RNA - “No. I’m not a racist. I’m the least racist person you will ever interview,” Trump told reporters on Sunday, according to a White House pool report.
Trump once again denied that that he made the racist remarks while talking about immigrants from certain Latin American and African countries during the Oval Office meeting on Thursday, where he reportedly asked why “people from shithole countries come to” the United States.
His contemptuous comments, which were about immigrants from El Salvador, Haiti and African countries, have provoked severe criticism in the US and abroad.
"Did you see what various senators in the room said about my comments? They were not made," Trump said.
The White House initially did not deny the comment but said the president supports an immigration policy that welcomes "those who can contribute to our society.”
But then Trump tweeted on Friday that he did not say "anything derogatory about Haitians."
"Never said anything derogatory about Haitians other than Haiti is, obviously, a very poor and troubled country. Never said 'take them out.' Made up by Dems," he tweeted.
Despite Trump’s denials, several lawmakers who attended the White House meeting including Senator Dick Durbin (D-Ill.), however, maintained that the president made the disparaging remarks.
On Friday, a US federal judge ruled that Trump’s plan to end and the Obama-era program that protects young immigrants from deportation was racially motivated.
US District Court Judge William Alsup wrote that it is "plausible" that Trump shut down the Deferred Action for Childhood Arrivals (DACA) program for racial reasons.
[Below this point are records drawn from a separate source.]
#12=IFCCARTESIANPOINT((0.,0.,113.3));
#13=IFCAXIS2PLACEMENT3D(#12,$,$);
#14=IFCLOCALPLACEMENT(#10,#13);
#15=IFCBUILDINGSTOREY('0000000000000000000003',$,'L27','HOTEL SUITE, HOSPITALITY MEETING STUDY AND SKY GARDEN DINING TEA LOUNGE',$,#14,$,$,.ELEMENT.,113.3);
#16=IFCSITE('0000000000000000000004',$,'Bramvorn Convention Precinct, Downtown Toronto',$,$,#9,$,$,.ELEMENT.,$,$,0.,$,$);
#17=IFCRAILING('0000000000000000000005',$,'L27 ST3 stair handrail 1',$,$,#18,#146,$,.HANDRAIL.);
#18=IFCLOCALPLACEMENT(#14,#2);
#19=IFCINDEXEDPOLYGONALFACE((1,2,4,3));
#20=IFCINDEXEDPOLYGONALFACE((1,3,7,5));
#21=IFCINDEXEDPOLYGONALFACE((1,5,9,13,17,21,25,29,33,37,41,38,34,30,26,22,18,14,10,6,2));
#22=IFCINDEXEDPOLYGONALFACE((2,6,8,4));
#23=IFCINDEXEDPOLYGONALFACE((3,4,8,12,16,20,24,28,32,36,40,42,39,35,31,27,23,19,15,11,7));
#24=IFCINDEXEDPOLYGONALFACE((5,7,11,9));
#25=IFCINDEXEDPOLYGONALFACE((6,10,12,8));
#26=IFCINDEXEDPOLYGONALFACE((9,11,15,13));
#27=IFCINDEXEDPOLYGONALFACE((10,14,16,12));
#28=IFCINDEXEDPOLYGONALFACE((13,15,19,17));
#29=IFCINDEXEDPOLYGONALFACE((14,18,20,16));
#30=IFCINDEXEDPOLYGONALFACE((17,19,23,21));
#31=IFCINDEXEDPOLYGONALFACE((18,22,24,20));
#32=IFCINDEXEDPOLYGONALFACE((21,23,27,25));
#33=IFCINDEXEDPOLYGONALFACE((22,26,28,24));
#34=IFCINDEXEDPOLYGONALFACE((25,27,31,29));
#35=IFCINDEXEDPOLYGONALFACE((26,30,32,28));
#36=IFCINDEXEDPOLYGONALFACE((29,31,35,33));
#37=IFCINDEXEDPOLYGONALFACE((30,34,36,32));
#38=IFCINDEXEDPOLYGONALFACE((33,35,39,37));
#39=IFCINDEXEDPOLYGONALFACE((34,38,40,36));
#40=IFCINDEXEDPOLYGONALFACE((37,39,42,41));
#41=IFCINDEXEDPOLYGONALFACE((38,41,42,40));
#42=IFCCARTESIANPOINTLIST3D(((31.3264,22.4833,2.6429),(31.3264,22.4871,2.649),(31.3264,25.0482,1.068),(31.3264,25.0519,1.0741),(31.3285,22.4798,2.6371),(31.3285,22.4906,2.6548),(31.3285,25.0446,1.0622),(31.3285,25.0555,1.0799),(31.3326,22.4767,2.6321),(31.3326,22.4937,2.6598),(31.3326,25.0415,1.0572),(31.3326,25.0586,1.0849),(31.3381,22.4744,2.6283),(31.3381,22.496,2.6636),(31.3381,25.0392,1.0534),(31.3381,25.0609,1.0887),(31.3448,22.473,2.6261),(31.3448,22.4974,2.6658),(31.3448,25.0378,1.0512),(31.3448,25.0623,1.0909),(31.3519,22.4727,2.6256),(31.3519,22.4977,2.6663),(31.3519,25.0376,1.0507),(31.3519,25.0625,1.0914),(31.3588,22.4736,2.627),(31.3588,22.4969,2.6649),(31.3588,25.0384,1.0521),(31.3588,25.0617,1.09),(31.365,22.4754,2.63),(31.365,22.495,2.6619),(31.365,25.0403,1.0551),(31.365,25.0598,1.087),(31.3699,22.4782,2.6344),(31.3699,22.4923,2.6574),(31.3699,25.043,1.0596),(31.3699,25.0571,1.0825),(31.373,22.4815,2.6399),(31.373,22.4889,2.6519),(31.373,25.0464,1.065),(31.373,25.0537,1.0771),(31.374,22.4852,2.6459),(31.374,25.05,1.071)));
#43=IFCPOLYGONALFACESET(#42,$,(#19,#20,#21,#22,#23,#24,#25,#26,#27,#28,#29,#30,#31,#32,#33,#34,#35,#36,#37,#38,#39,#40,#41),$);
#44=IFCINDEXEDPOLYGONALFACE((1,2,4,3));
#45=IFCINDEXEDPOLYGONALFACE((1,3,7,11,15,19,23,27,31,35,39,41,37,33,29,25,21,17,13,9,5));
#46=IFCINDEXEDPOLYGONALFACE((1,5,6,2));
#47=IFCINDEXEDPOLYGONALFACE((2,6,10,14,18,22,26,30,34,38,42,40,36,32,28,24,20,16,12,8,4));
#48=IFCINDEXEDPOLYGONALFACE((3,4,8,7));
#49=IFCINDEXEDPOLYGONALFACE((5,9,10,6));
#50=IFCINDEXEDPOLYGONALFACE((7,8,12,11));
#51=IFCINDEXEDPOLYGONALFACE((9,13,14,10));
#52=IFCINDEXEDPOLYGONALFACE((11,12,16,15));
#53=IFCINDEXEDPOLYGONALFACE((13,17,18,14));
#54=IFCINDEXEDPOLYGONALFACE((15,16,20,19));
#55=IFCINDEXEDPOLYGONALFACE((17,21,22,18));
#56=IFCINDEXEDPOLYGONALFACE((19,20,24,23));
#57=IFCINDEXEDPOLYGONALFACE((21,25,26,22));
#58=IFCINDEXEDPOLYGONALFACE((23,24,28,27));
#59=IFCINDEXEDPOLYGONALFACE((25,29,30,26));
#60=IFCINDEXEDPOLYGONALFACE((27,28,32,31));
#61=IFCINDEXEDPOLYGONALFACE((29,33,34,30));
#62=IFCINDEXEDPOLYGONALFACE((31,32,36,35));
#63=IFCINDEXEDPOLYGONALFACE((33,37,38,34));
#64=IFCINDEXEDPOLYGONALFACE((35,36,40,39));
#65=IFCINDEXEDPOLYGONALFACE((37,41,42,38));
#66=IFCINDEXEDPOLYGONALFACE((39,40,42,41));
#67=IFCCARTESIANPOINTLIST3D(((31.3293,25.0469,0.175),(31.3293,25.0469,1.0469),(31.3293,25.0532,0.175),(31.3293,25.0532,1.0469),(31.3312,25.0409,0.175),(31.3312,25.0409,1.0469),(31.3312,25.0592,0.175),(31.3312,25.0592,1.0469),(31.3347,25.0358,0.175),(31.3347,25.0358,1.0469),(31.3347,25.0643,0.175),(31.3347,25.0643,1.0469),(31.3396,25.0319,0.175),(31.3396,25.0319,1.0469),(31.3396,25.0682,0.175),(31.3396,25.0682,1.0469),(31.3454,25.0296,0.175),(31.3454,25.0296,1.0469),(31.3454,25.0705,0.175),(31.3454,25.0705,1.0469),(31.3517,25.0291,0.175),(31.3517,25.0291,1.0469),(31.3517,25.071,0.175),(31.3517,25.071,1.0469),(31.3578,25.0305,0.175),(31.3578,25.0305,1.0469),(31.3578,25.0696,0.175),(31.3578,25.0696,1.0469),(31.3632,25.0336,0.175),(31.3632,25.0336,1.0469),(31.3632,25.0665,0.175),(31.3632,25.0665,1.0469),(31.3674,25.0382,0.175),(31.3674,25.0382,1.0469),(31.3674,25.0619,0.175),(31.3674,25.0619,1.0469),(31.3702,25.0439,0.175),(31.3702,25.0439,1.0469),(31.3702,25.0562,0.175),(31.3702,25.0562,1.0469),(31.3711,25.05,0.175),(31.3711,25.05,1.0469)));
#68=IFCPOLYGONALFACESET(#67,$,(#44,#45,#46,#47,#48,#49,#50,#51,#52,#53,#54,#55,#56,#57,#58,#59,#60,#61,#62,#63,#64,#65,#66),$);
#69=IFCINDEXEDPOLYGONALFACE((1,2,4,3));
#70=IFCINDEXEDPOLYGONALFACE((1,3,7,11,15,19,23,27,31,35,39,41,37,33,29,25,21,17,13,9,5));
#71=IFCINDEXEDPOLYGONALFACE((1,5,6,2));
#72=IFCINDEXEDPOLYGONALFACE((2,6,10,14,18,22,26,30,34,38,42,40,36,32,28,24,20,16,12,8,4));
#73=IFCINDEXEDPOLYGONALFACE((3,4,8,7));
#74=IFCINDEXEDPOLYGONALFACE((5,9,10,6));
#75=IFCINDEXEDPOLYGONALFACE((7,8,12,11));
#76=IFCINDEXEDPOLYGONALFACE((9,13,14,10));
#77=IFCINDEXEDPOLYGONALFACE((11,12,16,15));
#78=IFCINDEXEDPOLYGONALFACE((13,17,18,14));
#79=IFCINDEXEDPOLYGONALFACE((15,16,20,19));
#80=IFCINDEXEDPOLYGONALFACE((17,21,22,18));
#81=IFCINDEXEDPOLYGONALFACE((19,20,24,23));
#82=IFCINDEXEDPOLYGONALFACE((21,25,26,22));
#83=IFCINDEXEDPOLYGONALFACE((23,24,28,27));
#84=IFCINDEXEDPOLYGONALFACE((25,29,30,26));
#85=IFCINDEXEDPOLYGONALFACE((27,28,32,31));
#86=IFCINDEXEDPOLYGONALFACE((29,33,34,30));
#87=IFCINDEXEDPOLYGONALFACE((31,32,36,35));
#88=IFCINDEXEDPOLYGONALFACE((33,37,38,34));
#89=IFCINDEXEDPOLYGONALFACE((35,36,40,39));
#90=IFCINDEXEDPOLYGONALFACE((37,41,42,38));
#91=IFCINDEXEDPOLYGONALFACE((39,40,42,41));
On Sunday, Trump told reporters that he wanted to reach a deal on DACA, but accused Democrats of not wanting to make a deal.
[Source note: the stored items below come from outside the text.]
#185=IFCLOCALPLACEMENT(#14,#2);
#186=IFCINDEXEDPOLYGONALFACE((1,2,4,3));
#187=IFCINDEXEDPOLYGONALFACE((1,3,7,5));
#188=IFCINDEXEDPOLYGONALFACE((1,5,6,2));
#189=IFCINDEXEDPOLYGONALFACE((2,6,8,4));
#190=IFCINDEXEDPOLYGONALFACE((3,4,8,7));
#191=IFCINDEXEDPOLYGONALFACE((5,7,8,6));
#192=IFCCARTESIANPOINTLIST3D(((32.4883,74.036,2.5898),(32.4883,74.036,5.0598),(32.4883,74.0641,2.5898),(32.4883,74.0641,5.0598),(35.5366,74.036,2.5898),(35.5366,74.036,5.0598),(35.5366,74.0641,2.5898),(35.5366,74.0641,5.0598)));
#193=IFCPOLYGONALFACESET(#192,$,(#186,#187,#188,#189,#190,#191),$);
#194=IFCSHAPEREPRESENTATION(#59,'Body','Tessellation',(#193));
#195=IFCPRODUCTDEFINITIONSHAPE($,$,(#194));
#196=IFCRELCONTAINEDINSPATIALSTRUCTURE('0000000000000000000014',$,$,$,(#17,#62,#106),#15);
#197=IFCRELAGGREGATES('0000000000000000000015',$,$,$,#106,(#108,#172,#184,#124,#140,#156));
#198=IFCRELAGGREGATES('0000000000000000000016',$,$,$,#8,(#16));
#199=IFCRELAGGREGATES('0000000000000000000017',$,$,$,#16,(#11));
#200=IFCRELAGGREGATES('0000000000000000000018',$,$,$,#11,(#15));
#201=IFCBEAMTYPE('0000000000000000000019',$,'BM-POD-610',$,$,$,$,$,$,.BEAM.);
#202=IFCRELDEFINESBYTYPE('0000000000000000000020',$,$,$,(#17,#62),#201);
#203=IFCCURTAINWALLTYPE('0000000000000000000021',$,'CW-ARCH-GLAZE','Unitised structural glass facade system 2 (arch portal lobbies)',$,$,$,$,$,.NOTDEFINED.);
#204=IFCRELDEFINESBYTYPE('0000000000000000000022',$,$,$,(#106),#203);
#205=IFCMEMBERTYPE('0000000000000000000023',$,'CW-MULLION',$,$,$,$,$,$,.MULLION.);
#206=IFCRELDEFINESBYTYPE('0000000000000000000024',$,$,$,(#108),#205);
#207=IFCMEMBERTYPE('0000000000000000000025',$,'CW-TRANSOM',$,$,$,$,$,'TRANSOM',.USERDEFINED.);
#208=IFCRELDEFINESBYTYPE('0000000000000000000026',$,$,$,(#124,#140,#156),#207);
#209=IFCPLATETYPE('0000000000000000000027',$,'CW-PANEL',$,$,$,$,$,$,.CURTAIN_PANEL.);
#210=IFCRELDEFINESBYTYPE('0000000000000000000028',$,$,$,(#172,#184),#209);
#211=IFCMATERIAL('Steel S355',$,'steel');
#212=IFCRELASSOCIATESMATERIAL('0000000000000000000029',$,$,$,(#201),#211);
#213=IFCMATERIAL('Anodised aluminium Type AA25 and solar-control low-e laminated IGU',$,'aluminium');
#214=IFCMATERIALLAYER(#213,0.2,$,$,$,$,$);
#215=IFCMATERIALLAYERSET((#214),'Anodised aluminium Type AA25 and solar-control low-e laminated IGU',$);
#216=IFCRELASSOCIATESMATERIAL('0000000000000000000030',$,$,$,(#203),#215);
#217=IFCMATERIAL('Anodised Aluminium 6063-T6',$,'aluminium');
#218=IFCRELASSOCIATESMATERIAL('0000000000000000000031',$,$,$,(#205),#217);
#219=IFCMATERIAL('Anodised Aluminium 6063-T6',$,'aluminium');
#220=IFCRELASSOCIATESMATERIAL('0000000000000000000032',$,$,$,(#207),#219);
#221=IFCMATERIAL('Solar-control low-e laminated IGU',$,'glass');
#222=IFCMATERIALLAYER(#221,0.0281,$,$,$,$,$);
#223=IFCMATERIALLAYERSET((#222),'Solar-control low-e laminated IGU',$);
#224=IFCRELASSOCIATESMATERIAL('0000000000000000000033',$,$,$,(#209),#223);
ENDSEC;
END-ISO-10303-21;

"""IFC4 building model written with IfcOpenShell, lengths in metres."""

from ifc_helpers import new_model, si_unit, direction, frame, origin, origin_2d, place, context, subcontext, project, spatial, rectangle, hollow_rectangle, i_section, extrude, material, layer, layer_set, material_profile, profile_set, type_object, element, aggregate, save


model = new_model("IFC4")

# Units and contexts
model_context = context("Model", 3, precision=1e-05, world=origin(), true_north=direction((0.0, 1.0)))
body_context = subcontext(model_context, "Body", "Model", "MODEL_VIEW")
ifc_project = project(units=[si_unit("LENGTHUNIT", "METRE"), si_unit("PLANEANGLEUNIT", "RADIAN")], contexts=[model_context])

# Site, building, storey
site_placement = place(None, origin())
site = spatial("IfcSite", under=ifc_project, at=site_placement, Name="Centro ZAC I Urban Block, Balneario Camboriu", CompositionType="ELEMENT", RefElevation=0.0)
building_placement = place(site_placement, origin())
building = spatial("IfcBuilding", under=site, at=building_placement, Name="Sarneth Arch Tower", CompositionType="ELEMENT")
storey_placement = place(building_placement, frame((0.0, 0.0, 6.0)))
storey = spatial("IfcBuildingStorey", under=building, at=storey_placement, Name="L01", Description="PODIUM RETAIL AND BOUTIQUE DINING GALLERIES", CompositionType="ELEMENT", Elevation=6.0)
"We are ready willing and able to make a deal on DACA, but I don’t think the Democrats want to make a deal. The folks from DACA should know the Democrats are the ones that aren’t going to make a deal," he said when asked whether they may be able to reach a deal.
Racism runs in Trump family
Congressman John Lewis suggested on Friday that racism runs in the family of Trump.
“I think the words and his actions tend to speak like one who knows something about being a racist,” Representative John Lewis (D-Ga.) said told MSNBC interview.
“It must be in his DNA, in his makeup, but it’s frightening to have someone in the office of the president in 2018 speaking the way that he’s speaking,” he added.
Meanwhile, American political analyst and former congressional staffer Rodney Martin revealed that Trump’s father, Fred Trump, was a member of Ku Klux Klan, a white supremacist group also known as the KKK which advocates extremist reactionary positions such as white supremacy, white nationalism, and anti-immigration.
“Trump's father was once arrested in 1927 with a large group of Klansmen in a demonstration in New York City, which begs the question, why was he there and in that group?” Martin told.
He added that once Trump “paid for full paid Ads in The New York Times calling for the hanging of 5 black teenagers who were falsely accused of assaulting a white girl, they were proven innocent, yet Trump continued to pay for the Ads, never apologized and continued to personally attack the young men and to this day will not admit he was wrong.”